The Boston Pill Trials
When birth control advocate Margaret Sanger asked Gregory Pincus to come up with a birth control pill, he knew one of the hardest parts of the process would be the large-scale human trials necessary for approval by the U.S. Food and Drug Administration (FDA). Pincus was a scientist, not a clinical physician, and was barred from conducting human trials. Significant legal restrictions on birth control devices made testing the drug virtually impossible. Pincus would need to find a partner who was willing to take on a controversial project and who would be able to provide the study with a source of volunteers for the trials.
A Medical Partner
In a stroke of good fortune, Pincus found just the doctor working a mere forty miles down the road from his Shrewsbury, Massachusetts, lab. At a medical conference in the early 1950s, Pincus ran into an old acquaintance, Dr. John Rock. To his utter astonishment, Rock was already testing progesterone on his infertile female patients.
Helping Women Conceive
At the same time Pincus had been giving a synthetic version of the hormone progesterone to rabbits and rats to inhibit ovulation, Rock was giving women the hormone to enable them to become pregnant. Rock worked with women who had no identifiable cause of infertility yet were unable to conceive a child, placing these patients on a daily regimen of progesterone and estrogen for several months. He theorized that the drug would allow their bodies to "rest" from ovulation. Then, after stopping treatment, his hope was that the reproductive organs would "rebound" more vigorously and enable his patients to conceive. Rock's instincts proved correct. After Rock administered the therapy to 80 patients, 13 of them conceived within four months of finishing the hormone treatments. In the nascent field of infertility treatment, statistics such as these were considered remarkable.

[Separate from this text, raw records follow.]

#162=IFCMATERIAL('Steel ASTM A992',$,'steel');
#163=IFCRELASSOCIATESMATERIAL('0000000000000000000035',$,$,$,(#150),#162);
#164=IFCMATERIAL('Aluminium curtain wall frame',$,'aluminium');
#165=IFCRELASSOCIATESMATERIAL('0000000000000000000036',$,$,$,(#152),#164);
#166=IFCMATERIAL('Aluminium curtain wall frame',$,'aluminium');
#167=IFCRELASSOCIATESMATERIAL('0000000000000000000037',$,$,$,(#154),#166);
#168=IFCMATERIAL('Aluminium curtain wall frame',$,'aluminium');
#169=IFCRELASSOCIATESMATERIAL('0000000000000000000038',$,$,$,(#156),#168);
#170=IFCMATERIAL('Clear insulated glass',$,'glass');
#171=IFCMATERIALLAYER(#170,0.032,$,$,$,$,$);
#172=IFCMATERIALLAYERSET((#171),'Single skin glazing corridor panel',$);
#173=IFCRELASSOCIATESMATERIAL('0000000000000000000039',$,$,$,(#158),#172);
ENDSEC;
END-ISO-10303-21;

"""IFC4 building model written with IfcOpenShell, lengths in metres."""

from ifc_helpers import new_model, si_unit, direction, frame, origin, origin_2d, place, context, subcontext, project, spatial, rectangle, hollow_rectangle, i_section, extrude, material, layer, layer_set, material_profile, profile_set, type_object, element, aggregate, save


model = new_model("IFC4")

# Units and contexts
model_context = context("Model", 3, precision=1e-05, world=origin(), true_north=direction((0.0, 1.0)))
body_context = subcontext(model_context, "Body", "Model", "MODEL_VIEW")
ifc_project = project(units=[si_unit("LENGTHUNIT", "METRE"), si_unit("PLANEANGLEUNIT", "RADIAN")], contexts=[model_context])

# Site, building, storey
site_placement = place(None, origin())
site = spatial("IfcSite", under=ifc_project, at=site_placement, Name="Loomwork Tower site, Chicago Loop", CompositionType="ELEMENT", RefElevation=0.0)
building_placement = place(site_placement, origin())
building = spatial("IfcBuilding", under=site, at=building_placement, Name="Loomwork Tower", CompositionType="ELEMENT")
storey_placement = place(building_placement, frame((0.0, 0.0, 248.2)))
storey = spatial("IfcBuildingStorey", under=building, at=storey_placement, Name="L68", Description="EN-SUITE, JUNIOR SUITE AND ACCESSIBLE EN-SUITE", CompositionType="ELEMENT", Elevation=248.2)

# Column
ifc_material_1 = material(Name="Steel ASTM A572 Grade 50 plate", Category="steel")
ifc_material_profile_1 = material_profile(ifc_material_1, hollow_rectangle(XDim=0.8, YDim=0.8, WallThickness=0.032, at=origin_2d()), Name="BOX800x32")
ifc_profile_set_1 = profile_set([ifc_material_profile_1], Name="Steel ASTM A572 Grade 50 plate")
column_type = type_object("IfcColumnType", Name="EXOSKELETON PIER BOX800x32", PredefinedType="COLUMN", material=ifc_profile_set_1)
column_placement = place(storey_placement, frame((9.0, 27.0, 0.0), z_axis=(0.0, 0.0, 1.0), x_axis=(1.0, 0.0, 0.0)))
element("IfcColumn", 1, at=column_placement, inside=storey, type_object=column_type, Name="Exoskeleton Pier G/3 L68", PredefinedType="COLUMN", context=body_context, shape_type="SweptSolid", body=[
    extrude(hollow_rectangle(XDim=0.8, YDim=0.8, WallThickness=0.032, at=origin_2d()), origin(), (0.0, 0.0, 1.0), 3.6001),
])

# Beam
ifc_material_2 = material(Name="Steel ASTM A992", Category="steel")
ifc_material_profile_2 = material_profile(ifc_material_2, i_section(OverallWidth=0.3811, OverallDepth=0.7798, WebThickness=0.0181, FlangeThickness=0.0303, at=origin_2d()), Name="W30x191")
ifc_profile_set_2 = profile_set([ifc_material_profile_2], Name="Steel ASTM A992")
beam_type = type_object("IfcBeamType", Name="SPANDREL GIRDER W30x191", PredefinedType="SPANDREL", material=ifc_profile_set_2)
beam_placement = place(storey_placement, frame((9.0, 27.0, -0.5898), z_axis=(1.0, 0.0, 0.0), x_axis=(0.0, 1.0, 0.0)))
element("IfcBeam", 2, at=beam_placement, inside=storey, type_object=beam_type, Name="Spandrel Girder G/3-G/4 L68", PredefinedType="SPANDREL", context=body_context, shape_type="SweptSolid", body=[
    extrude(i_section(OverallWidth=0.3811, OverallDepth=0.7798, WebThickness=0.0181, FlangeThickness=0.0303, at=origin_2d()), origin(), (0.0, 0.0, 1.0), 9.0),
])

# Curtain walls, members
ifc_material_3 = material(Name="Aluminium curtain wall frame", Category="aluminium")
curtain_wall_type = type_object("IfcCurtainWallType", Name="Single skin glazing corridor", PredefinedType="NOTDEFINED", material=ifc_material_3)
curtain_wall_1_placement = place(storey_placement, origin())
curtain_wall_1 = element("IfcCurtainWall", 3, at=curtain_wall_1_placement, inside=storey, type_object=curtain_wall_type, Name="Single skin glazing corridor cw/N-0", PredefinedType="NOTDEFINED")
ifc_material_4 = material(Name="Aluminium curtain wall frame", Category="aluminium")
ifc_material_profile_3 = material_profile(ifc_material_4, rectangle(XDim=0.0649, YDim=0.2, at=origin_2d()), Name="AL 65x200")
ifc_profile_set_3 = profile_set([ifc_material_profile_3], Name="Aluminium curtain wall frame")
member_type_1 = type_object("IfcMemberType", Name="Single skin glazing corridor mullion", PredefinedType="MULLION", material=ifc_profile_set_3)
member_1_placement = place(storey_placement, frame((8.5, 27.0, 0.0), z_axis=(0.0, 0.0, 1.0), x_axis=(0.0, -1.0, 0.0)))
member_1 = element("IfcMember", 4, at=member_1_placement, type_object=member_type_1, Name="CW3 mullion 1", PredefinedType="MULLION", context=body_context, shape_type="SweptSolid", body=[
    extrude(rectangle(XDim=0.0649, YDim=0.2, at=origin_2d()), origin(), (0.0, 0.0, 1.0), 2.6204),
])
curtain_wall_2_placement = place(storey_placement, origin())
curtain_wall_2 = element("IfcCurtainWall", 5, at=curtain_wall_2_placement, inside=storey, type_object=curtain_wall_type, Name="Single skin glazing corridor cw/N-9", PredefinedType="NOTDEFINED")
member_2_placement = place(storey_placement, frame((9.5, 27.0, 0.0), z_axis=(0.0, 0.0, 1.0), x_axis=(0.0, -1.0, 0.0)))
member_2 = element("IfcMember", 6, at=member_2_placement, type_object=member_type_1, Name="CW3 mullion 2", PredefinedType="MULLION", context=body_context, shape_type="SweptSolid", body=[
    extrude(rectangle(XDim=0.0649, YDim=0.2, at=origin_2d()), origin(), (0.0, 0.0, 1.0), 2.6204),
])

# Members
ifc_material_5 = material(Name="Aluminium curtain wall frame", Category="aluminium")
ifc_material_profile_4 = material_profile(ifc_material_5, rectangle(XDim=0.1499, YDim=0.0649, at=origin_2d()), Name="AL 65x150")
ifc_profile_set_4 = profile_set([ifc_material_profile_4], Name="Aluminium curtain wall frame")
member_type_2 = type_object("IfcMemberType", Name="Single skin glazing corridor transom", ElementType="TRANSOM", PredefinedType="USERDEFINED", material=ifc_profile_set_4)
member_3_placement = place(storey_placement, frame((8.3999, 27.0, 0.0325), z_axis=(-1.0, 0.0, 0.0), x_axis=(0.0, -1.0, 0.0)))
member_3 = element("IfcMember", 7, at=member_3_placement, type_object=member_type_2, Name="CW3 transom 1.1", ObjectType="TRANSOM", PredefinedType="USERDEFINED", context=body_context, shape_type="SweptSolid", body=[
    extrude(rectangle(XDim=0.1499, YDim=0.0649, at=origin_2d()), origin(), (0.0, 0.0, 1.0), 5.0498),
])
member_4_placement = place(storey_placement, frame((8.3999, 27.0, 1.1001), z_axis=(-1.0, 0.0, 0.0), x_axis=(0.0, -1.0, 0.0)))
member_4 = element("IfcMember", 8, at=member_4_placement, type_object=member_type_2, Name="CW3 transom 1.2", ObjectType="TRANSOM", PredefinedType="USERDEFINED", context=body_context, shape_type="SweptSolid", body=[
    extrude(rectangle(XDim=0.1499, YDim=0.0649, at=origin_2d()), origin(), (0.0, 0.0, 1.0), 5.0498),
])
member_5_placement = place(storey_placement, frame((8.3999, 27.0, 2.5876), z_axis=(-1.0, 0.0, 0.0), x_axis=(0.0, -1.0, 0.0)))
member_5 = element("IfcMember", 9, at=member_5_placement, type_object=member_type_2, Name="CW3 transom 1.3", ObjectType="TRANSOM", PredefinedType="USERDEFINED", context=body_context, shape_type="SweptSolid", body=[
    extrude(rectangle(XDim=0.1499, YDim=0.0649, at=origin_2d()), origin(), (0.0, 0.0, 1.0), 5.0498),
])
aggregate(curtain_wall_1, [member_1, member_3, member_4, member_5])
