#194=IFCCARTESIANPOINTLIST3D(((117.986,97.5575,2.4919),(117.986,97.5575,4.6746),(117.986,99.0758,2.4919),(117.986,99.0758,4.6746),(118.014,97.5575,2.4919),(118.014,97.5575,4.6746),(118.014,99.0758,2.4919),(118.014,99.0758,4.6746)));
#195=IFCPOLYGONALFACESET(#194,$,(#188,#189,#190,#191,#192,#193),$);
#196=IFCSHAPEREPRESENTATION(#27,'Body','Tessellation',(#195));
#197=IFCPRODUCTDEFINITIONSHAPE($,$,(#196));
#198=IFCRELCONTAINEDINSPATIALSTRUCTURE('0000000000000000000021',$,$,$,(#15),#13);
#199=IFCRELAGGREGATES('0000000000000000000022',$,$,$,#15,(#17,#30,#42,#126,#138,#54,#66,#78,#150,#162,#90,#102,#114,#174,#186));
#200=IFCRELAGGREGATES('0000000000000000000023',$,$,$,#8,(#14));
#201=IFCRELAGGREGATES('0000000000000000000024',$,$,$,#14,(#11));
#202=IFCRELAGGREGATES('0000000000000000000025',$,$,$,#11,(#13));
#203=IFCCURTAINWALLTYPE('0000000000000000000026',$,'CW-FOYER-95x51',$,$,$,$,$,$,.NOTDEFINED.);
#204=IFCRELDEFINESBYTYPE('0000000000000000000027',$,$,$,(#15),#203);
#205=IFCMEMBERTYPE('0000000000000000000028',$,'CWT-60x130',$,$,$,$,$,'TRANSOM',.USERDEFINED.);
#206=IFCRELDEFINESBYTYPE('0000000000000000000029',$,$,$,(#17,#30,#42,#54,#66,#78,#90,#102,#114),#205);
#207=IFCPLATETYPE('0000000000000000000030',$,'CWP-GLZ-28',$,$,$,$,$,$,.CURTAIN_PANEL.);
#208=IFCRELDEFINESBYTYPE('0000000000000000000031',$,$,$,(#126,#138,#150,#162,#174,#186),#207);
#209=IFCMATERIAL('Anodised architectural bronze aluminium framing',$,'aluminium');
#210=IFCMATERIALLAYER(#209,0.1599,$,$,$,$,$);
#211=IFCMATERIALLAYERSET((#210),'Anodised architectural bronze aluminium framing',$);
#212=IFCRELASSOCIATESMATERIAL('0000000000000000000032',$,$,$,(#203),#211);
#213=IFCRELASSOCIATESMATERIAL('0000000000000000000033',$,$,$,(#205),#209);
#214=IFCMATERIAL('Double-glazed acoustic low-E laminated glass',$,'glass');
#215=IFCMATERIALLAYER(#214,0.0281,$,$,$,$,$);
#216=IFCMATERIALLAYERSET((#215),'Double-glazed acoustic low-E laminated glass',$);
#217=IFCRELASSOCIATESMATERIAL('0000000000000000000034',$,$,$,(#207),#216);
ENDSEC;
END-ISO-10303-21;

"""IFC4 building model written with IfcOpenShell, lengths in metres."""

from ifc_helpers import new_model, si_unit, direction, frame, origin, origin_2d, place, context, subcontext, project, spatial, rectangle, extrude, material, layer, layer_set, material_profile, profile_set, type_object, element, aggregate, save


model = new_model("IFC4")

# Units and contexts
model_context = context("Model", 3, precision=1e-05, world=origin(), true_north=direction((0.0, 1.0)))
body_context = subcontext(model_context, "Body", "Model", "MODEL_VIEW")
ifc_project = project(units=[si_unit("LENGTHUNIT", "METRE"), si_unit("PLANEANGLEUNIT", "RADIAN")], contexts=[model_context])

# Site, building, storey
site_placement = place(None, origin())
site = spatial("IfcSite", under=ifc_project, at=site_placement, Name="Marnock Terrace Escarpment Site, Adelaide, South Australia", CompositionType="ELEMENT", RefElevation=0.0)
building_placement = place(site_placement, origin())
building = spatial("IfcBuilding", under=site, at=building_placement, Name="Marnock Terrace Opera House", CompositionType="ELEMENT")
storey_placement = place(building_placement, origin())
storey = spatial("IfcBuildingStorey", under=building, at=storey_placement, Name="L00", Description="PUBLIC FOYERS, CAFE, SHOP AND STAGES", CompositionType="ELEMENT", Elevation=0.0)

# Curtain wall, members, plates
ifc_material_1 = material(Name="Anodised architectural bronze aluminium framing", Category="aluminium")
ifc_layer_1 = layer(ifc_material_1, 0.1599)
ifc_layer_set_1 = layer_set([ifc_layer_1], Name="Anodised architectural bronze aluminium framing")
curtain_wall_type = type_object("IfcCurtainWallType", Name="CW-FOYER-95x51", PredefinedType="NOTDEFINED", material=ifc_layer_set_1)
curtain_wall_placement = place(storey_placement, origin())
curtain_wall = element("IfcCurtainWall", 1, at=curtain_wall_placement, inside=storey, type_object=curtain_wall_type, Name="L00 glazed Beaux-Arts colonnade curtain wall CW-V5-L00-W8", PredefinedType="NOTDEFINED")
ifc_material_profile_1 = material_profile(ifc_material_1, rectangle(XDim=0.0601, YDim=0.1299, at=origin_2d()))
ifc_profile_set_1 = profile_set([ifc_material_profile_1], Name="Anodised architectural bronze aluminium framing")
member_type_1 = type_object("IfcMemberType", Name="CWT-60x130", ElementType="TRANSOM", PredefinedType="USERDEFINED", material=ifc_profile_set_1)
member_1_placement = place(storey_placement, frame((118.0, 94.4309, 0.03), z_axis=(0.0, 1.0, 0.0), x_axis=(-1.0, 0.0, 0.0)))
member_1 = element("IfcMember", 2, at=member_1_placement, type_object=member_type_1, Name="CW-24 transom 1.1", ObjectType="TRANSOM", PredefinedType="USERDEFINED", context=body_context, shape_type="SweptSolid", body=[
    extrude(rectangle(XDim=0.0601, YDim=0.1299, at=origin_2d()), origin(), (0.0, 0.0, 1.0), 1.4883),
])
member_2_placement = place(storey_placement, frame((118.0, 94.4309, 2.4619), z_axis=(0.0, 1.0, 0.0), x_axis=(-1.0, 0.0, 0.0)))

When Rock reported on his findings, the medical world took immediate notice of what it called the "Rock Rebound." But few were interested in the most striking aspect of the experiment -- the suspension of ovulation with the use of hormones. Rock had crossed the great divide between animal and human testing, and Pincus soon asked him to collaborate on human trials for the Pill. Although he was a devout Catholic, Rock was also a firm believer in birth control. He agreed to work on the project.
Historic Drug Trials
Under the guise of fertility research, Pincus had found a way to test the contraceptive powers of progesterone on women and sidestep Massachusetts' rigid anti-birth control laws. Rock was intrigued by Pincus' experiments with progesterone alone, and Rock agreed to test just the single hormone on his patients. Although Pincus and Rock camouflaged the true purpose of their study, the tests would be historic: the first human trials of an oral contraceptive.
In 1954 Rock began his first tests of synthetic oral progesterone on a group of 50 infertility patients at his clinics. Although the women volunteered to participate, another group of patients were given the experimental drug without their direct consent. The Pill team also tested the oral contraceptive on 12 female and 16 male psychiatric patients at Worcester State Hospital. The study's goal was to test the long term effects of the drug on the reproductive system. It provided useful information during the early stages of the Pill trials. While Pincus did receive permission from the patient's relatives, and the trials did conform to medical standards of the day, under today's standards for human drug trials the tests would be considered unethical.
Making the Treatment "Natural"
In his previous study, Rock had given women daily injections of progesterone which made them cease menstruation for the entire three- to four-month period they were on the treatment. For this new trial, Pincus suggested that Rock adopt a 20-day regime that would stop ovulation and still allow women to menstruate every month. Pincus hoped that with this regimen that the drug would be viewed as not interfering with a woman's normal reproductive functionsr. Rock jumped at the idea. Since this modified regimen mimicked the reproductive cycle, Rock believed the Catholic Church might consider the process "natural" — and therefore an acceptable form of birth control.
A Turning Point
Month after month Rock carefully checked whether the women in the trial were ovulating. Finally the results came in. Not one of the fifty women ovulated during their time on the oral progesterone. The Pill team was ecstatic. The oral contraceptive was not only effective, but the effects of the drug were temporary, thus eliminating any fear that the Pill would have a permanent sterilizing effect.
In early 1956 Rock told the world about his clinical trials at a conference of scientists involved in hormone research. Although he avoided any direct discussion of the drug as a deliberate contraceptive, everyone listening knew he was talking about a pill that could control women's fertility. The Pill would still have to undergo large-scale human trials before it could receive FDA approval, but the Boston trials were a huge turning point. It would only be four more years until women could walk into their doctor's offices and get prescriptions for the Pill.